米国の携帯電話事業者であるT-モバイルUSが、Wi-Fi(無線LAN)上で音声通話やSMS(ショートメッセージングサービス)を可能にする「Wi-Fi Calling」の提供を開始した。ただ上位のAT&Tモビリティやベライゾン・ワイヤレスは慎重な構えを示すなど、温度差が見られる。Wi-Fi Callingの現状と将来性を分析する。

 2014年9月、米国ではiPhone 6/同Plusの発表に合わせて、携帯電話事業者が通話サービスに関する方針をそれぞれ打ち出した。特に注目を集めているのが「Wi-Fi Calling」である。

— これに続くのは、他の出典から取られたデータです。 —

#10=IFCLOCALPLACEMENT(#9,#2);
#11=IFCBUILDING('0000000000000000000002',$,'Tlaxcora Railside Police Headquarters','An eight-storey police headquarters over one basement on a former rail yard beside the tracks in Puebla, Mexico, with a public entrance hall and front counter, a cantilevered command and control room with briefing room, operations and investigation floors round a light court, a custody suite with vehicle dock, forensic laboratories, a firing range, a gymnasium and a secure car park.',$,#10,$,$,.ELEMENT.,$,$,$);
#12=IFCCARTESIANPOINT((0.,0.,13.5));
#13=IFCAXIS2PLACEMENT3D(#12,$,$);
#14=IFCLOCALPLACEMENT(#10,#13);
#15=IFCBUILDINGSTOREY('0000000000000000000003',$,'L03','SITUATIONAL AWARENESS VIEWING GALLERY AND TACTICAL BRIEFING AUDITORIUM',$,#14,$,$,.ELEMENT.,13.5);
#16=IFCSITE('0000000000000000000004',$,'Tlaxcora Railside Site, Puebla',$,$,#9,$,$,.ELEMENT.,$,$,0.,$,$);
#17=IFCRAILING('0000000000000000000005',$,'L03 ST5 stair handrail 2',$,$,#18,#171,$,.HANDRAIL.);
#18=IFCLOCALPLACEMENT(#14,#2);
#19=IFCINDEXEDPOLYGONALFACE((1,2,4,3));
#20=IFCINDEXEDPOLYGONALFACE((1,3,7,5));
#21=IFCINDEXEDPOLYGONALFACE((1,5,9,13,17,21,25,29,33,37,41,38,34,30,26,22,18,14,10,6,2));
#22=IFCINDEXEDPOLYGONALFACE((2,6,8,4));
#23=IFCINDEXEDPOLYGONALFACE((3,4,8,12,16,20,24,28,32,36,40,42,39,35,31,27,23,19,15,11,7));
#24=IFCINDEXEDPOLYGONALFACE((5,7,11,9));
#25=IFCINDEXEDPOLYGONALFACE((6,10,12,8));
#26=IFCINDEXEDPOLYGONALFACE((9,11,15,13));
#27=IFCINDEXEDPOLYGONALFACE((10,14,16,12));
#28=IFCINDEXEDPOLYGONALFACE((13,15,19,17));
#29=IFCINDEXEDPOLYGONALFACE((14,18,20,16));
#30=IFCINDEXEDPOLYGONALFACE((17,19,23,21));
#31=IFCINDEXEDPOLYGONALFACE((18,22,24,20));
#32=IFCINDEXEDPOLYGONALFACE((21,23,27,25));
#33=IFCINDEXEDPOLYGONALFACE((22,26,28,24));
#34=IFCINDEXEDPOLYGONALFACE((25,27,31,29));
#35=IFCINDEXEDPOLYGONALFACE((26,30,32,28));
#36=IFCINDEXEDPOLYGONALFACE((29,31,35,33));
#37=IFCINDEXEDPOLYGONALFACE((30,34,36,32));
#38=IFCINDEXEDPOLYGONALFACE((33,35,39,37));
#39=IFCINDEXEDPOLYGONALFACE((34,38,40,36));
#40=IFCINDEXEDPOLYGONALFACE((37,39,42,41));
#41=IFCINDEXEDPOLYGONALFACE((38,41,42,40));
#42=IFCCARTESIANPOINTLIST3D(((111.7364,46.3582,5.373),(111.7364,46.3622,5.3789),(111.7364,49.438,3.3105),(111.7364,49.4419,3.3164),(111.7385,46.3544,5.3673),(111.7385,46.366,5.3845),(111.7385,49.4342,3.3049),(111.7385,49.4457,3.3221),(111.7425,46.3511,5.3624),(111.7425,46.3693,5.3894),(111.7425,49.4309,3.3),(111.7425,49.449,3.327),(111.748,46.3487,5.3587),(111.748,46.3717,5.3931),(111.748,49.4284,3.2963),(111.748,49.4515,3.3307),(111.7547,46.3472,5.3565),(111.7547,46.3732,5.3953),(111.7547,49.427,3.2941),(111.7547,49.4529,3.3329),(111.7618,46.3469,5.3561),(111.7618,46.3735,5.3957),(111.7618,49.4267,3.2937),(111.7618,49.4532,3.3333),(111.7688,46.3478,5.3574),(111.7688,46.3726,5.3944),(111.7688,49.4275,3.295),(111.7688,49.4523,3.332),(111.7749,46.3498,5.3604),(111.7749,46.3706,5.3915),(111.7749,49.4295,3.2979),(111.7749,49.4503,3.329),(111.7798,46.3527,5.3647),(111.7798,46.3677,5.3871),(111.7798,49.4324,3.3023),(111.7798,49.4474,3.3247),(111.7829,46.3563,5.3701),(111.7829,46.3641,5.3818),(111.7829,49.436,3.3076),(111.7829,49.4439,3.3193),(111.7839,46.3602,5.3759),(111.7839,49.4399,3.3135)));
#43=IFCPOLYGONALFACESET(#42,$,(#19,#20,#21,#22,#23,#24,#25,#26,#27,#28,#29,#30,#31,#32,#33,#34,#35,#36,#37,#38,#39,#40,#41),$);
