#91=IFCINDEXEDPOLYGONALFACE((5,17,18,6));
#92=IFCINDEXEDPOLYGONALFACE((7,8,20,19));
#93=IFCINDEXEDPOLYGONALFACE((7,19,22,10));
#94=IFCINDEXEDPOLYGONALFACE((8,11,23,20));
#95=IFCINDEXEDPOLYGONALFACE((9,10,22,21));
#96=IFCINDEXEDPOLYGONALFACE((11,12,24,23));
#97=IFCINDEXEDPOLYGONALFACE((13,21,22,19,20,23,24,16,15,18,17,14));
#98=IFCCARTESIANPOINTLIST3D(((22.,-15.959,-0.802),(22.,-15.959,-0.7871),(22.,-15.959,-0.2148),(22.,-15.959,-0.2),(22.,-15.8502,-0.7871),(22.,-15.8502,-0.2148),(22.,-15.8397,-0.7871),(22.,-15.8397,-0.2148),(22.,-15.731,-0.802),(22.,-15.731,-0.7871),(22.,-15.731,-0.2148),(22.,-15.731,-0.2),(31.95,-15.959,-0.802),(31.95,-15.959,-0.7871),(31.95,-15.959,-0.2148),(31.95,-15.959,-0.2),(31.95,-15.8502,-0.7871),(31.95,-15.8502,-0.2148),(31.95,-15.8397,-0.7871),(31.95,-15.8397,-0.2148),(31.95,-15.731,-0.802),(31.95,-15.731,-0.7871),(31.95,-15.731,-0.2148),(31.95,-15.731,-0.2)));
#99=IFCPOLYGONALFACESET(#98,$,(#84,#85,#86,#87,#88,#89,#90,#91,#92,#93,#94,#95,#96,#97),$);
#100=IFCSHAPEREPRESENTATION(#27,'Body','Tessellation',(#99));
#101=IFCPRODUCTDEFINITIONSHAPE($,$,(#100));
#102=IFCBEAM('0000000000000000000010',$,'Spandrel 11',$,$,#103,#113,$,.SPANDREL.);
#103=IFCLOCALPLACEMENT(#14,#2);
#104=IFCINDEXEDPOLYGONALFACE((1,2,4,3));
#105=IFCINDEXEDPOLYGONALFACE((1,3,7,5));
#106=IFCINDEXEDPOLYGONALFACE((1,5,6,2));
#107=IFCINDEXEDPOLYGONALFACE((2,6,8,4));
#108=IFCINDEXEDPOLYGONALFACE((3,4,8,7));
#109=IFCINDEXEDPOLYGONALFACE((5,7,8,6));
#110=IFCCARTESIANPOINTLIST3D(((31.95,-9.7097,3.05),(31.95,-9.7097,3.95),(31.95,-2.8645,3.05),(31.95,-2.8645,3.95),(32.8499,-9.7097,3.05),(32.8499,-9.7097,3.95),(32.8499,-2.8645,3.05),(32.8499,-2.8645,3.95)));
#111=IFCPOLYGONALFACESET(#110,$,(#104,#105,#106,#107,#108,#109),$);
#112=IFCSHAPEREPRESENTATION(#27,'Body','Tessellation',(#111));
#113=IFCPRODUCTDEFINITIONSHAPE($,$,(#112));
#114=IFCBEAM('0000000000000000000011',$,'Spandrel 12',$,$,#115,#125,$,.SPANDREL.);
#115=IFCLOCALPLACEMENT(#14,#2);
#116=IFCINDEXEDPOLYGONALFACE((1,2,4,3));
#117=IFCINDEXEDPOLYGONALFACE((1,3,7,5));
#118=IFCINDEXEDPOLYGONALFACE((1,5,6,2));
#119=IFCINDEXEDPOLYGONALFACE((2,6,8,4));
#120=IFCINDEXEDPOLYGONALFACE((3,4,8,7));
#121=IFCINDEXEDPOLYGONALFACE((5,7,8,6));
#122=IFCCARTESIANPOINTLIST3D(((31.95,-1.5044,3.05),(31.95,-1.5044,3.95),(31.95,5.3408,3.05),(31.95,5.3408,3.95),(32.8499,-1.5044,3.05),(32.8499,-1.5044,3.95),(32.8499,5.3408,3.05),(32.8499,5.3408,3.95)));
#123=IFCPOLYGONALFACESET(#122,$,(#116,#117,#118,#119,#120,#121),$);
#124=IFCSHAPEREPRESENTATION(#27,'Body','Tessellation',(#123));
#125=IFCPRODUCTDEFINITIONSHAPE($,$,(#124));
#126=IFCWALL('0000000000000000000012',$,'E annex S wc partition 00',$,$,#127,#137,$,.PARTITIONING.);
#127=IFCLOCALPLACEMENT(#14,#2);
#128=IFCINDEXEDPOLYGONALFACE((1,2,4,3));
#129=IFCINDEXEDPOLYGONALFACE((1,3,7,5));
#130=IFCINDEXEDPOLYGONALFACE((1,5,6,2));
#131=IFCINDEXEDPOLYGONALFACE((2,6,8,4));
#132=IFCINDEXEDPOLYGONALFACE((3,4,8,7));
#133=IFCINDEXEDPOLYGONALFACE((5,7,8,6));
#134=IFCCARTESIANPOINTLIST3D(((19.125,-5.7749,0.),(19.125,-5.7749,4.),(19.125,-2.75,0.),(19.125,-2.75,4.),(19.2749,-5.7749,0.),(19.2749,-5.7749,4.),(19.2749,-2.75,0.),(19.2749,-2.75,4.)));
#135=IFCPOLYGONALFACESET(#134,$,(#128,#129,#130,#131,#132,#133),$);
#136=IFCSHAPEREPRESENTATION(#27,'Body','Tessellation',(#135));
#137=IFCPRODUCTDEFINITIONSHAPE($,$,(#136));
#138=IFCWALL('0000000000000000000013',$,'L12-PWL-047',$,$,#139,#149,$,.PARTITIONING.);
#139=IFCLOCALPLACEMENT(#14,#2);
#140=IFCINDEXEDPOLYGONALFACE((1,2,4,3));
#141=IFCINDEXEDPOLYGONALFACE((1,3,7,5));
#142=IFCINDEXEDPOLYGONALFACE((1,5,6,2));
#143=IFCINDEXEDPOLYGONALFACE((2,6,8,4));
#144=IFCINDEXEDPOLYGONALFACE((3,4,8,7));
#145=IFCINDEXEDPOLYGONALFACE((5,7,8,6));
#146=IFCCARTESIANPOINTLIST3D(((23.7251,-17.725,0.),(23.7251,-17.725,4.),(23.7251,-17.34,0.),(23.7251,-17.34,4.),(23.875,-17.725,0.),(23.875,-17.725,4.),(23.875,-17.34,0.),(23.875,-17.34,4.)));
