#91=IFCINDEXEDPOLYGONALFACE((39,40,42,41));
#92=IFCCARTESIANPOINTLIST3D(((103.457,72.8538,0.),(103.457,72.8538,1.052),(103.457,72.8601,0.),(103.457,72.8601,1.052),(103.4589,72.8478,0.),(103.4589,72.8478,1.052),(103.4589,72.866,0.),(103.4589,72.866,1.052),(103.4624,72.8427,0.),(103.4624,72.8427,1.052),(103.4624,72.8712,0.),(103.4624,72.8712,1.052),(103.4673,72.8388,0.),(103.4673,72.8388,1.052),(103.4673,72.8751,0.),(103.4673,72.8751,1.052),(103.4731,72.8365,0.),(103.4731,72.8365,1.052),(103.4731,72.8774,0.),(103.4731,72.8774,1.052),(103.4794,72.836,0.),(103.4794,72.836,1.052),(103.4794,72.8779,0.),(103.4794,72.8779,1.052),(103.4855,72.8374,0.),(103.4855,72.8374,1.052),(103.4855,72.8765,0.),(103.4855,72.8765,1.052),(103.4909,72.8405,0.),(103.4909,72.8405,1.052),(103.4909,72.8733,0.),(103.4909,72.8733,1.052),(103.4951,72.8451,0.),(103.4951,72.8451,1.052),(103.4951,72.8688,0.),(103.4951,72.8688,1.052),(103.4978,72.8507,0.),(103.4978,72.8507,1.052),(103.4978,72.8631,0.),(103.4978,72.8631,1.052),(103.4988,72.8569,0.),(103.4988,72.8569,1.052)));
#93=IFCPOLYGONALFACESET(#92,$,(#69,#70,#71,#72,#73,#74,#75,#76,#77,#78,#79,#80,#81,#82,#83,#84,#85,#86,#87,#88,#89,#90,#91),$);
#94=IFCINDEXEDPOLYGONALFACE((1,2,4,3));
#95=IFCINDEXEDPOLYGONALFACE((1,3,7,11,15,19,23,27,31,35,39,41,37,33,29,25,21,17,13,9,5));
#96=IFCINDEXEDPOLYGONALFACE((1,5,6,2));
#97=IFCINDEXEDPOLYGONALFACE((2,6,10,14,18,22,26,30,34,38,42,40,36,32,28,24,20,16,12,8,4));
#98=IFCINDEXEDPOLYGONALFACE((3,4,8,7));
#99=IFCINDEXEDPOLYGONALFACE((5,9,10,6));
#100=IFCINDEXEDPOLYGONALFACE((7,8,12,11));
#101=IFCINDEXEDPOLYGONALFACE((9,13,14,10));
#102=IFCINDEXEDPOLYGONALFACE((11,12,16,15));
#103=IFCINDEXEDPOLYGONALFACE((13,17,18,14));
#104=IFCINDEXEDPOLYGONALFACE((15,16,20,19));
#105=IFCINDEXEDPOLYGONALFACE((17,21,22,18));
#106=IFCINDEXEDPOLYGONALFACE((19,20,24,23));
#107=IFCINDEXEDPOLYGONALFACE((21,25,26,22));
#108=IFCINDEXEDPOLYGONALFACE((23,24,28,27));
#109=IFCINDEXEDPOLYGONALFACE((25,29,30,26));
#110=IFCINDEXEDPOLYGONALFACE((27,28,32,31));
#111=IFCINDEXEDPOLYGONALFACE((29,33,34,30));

 Wi-Fi Callingとは、Wi-Fi(無線LAN)を使った音声通話やSMS(ショートメッセージングサービス)のこと。Wi-Fiで接続している環境では、SIMに付与された電話番号を使って、音声やテキストの発信/着信が可能である。このときの音声通話やデータ送受信はどこにいても国内料金の扱いとなる。

前のめりなT-モバイルUS

 Wi-Fi Callingに熱心な事業者がT-モバイルUSである(写真1)。同社は米国で初めてiPhone 6/同 Plus上でWi-Fi Callingを利用できるようにした。さらに、ユーザー宅内にWi-Fiを積極的に導入していく計画を明らかにした。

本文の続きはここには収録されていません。